Sadly, this is all too true.



Kennnie said:


> ill do it just to make some babies


...or in some cases, a shotgun wedding.
...or "free sex".

I'll probably end up being in one of these situations since sex will never enter the picture until marriage anyway.


----------



## rymo (Sep 6, 2009)

Enderbean said:


> The only thing you ever know before you marry someone is that at that moment you love them. The amount of time before hand doesn't matter.
> 
> My parents met and were married within 4 months... they're going on 37 years.
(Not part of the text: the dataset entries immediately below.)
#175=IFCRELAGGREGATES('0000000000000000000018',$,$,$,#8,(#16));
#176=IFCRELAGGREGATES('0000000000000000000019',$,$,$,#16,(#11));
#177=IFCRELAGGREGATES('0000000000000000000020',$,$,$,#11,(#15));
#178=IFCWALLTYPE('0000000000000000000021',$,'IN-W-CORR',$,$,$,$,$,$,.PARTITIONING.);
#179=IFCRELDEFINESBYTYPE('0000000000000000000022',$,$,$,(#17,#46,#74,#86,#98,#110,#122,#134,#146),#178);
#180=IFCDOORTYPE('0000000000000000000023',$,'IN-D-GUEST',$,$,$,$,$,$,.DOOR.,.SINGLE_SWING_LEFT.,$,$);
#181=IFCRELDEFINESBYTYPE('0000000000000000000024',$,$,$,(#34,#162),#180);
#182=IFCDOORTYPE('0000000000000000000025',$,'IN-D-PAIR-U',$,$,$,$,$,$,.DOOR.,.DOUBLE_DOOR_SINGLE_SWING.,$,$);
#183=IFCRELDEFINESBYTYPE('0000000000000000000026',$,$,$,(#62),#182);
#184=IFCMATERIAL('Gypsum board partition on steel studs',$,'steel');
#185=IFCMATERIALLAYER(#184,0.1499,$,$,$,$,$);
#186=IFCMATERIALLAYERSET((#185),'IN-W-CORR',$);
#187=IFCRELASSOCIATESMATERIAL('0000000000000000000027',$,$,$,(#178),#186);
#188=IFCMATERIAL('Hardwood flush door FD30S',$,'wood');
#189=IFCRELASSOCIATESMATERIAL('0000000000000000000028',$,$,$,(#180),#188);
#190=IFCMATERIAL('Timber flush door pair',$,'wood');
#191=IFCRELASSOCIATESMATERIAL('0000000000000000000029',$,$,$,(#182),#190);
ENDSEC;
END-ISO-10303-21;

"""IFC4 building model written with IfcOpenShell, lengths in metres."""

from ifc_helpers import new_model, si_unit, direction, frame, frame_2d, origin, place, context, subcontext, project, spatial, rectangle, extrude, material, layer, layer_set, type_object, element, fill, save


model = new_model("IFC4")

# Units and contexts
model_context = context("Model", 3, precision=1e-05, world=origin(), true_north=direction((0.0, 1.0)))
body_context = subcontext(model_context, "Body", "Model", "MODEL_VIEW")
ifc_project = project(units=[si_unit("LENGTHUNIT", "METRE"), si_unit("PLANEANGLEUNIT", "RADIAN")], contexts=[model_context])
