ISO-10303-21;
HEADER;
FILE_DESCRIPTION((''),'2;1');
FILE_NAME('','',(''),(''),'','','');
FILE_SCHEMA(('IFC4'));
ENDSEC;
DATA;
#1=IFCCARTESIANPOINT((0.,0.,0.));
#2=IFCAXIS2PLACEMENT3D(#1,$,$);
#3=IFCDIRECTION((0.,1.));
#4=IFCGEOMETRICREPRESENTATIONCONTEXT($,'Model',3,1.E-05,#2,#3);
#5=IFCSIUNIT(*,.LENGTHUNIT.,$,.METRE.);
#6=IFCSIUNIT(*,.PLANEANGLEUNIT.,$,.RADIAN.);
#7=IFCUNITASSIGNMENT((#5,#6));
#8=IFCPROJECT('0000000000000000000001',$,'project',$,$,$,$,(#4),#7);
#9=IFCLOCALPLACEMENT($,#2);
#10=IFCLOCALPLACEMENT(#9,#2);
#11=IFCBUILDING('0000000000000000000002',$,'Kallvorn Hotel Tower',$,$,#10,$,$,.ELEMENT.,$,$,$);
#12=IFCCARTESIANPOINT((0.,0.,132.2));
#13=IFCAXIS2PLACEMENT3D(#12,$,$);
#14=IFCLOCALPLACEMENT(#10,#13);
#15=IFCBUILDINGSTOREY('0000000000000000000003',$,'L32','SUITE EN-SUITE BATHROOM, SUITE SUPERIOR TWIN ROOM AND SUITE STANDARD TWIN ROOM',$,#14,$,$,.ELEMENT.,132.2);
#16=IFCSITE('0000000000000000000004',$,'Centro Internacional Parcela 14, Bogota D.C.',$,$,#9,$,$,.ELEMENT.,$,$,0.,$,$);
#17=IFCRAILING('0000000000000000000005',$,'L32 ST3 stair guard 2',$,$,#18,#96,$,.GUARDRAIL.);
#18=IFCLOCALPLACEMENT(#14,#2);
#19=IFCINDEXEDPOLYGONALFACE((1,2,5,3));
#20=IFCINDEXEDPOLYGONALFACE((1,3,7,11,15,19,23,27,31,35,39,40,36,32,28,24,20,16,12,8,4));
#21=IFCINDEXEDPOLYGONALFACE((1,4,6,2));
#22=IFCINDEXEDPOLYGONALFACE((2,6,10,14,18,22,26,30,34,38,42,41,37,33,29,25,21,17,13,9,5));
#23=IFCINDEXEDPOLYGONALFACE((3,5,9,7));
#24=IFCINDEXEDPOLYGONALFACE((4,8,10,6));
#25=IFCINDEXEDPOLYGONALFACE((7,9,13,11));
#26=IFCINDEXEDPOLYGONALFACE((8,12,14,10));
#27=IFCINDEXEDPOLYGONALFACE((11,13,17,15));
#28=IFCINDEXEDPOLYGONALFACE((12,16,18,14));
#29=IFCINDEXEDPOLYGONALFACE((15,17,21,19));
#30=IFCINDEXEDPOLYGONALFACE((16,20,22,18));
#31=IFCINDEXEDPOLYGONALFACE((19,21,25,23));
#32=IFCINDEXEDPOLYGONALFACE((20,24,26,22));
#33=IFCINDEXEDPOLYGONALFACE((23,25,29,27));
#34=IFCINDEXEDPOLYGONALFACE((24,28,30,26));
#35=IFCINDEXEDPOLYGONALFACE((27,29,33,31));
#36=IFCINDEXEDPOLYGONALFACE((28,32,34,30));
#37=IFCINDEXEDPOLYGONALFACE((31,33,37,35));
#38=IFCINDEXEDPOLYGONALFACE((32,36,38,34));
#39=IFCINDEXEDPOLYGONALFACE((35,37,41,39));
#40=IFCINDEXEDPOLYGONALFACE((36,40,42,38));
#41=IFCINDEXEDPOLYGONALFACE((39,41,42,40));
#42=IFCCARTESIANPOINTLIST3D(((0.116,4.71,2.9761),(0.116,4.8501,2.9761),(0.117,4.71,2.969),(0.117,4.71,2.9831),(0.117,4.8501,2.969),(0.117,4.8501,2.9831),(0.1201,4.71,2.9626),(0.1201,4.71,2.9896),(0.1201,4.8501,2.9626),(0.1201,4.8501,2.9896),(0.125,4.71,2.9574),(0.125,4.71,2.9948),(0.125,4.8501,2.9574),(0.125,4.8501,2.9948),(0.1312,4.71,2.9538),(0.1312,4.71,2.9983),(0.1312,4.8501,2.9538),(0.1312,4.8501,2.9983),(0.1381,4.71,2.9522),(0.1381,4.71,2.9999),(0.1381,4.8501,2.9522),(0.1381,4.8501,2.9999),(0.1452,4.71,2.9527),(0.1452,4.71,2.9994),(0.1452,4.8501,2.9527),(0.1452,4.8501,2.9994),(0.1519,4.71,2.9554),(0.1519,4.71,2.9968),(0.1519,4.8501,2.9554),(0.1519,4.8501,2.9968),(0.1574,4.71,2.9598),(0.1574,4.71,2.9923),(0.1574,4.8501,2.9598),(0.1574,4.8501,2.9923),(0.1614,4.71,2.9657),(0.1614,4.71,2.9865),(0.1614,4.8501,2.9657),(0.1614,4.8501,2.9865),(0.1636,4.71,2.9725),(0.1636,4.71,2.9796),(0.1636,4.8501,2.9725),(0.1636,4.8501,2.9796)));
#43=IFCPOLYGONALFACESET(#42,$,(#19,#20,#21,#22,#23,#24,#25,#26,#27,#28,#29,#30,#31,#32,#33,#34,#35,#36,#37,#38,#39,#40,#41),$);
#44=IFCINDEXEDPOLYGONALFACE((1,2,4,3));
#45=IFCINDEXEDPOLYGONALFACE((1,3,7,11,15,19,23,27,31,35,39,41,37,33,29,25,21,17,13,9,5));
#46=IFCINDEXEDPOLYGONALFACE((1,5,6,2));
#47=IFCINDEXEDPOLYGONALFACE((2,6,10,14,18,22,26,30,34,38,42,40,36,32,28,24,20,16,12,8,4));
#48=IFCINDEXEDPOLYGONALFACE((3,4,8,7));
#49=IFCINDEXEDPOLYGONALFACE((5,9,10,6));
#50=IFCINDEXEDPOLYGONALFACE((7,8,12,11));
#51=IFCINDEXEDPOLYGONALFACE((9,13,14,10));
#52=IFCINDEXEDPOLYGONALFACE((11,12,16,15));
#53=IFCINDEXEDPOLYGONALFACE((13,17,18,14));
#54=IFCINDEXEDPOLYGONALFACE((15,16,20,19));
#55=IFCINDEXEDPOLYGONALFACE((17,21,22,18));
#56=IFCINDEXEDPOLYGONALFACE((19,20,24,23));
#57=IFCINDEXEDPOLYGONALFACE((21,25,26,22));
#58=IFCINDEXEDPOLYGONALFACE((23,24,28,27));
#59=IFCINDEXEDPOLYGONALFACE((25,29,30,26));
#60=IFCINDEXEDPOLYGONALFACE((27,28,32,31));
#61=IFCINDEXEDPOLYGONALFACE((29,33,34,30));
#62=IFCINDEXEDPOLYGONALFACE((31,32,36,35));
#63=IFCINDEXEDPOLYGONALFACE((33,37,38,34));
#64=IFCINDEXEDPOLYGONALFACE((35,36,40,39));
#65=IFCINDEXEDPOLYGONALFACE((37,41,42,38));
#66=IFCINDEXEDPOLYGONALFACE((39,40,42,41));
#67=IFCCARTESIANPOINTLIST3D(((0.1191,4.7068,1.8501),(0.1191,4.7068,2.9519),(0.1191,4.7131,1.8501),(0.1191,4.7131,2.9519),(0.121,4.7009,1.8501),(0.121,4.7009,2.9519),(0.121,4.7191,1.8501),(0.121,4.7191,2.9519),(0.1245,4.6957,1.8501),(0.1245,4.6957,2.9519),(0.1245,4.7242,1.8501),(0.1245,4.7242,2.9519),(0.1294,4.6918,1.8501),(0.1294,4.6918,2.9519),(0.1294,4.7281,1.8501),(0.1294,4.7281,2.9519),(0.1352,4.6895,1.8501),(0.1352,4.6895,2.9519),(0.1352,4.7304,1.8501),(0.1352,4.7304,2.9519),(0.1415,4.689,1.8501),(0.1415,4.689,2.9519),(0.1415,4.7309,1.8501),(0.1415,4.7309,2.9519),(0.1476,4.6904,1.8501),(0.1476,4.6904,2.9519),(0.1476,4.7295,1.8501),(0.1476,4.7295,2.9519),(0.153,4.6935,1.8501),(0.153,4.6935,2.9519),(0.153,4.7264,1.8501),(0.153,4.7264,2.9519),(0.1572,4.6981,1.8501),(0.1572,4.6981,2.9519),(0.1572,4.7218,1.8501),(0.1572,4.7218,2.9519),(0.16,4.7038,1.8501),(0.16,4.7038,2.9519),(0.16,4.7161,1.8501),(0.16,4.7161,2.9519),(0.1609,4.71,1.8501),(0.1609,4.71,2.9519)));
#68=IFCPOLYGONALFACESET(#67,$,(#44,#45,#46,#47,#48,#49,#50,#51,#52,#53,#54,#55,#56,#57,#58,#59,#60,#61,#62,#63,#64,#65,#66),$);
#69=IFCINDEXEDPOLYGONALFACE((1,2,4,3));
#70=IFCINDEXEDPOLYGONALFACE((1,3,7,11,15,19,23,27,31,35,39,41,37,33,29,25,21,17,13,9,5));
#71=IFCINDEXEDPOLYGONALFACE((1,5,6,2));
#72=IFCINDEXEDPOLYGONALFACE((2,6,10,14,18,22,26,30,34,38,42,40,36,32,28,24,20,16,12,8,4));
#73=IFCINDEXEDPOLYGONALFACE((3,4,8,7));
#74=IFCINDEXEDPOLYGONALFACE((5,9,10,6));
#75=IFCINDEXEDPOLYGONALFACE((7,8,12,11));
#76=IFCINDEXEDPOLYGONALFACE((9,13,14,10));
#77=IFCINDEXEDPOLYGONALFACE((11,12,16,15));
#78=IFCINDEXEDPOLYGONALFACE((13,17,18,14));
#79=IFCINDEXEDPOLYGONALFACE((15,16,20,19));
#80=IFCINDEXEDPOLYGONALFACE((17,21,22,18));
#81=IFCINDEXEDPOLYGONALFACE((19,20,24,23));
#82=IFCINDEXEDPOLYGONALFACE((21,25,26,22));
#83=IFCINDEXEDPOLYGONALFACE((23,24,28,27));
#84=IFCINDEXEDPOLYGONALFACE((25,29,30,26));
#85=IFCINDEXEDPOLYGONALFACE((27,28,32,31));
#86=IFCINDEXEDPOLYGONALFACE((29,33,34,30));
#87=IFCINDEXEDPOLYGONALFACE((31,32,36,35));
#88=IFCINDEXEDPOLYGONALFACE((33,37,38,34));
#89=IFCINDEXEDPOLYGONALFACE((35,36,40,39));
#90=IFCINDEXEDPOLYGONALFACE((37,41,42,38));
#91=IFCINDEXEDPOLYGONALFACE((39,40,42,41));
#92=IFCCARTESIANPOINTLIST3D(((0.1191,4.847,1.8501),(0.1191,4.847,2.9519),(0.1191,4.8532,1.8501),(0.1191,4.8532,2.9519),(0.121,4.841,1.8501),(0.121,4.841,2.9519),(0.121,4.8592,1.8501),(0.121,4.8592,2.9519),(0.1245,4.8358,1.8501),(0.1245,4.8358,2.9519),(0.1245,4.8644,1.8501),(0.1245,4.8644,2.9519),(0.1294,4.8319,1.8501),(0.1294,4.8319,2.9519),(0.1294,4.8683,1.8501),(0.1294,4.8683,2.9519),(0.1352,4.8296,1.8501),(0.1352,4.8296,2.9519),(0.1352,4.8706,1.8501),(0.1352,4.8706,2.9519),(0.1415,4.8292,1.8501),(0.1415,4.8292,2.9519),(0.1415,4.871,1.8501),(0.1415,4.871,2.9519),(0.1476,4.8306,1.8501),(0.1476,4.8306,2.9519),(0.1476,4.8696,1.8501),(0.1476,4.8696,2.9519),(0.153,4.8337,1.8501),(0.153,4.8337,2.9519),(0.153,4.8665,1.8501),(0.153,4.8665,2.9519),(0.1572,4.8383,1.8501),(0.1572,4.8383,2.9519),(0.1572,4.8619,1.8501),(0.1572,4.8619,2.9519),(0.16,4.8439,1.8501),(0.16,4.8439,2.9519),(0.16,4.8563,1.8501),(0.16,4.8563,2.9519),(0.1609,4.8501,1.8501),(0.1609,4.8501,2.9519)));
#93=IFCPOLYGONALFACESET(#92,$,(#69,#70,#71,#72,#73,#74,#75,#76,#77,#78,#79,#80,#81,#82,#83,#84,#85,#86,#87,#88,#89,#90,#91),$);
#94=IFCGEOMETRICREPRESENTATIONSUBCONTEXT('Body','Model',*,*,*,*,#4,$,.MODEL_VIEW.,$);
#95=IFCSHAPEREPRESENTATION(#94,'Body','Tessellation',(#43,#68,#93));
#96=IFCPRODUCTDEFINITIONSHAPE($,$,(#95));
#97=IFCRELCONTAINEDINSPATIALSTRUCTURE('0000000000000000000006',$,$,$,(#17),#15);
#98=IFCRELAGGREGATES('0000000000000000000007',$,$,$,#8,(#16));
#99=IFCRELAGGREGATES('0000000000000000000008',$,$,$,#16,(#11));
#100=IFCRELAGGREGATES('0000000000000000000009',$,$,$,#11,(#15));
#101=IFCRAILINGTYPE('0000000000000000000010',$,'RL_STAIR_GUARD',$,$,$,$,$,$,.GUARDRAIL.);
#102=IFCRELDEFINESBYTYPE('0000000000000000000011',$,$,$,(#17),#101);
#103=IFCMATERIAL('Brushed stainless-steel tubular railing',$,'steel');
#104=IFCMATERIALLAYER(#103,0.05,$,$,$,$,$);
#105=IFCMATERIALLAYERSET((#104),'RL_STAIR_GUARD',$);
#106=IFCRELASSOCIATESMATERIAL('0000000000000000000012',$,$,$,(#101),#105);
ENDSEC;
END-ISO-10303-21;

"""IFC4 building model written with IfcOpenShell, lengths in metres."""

from ifc_helpers import new_model, si_unit, direction, frame, origin, origin_2d, place, context, subcontext, project, spatial, circle, extrude, material, layer, layer_set, type_object, element, save


model = new_model("IFC4")

# Units and contexts
model_context = context("Model", 3, precision=1e-05, world=origin(), true_north=direction((0.0, 1.0)))
body_context = subcontext(model_context, "Body", "Model", "MODEL_VIEW")
ifc_project = project(units=[si_unit("LENGTHUNIT", "METRE"), si_unit("PLANEANGLEUNIT", "RADIAN")], contexts=[model_context])

# Site, building, storey
site_placement = place(None, origin())
site = spatial("IfcSite", under=ifc_project, at=site_placement, Name="Centro Internacional Parcela 14, Bogota D.C.", CompositionType="ELEMENT", RefElevation=0.0)
building_placement = place(site_placement, origin())
building = spatial("IfcBuilding", under=site, at=building_placement, Name="Kallvorn Hotel Tower", CompositionType="ELEMENT")
storey_placement = place(building_placement, frame((0.0, 0.0, 132.2)))
storey = spatial("IfcBuildingStorey", under=building, at=storey_placement, Name="L32", Description="SUITE EN-SUITE BATHROOM, SUITE SUPERIOR TWIN ROOM AND SUITE STANDARD TWIN ROOM", CompositionType="ELEMENT", Elevation=132.2)

# Railing
ifc_material_1 = material(Name="Brushed stainless-steel tubular railing", Category="steel")
ifc_layer_1 = layer(ifc_material_1, 0.05)
ifc_layer_set_1 = layer_set([ifc_layer_1], Name="RL_STAIR_GUARD")
railing_type_1 = type_object("IfcRailingType", Name="RL_STAIR_GUARD", PredefinedType="GUARDRAIL", material=ifc_layer_set_1)
railing_1_placement = place(storey_placement, frame((0.1399, 4.71, 1.8501)))
element("IfcRailing", 1, at=railing_1_placement, inside=storey, type_object=railing_type_1, Name="L32 ST3 stair guard 2", PredefinedType="GUARDRAIL", context=body_context, shape_type="SweptSolid", body=[
    extrude(circle(Radius=0.0239, at=origin_2d()), frame((0.0, 0.0, 1.126), z_axis=(0.0, 1.0, 0.0), x_axis=(-1.0, 0.0, 0.0)), (0.0, 0.0, 1.0), 0.1401),
    extrude(circle(Radius=0.021, at=origin_2d()), origin(), (0.0, 0.0, 1.0), 1.1018),
    extrude(circle(Radius=0.021, at=origin_2d()), frame((0.0, 0.1401, 0.0)), (0.0, 0.0, 1.0), 1.1018),
])

save(model, "model.ifc")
My husband and I knew each other 8 months, lived in different countries, spent time in real life together 3 times before getting married... going on 5 years.
> Married couples fall in and out of love as their marriages progress, the ups and downs.
> ...


HAHAHA okay, I was going to offer an alternative view but since it doesn't matter to you whether I agree or not, I'll hold my tongue.


----------



## gentleman caller (Feb 22, 2012)

Kennnie said:


> pretty easy if you ask me some people just "click"


Well said. I agree completely. Some couples are just compatible with each other.


----------



## Enderbean (Mar 14, 2012)

rymo said:


> HAHAHA okay, I was going to offer an alternative view but since it doesn't matter to you whether I agree or not, I'll hold my tongue.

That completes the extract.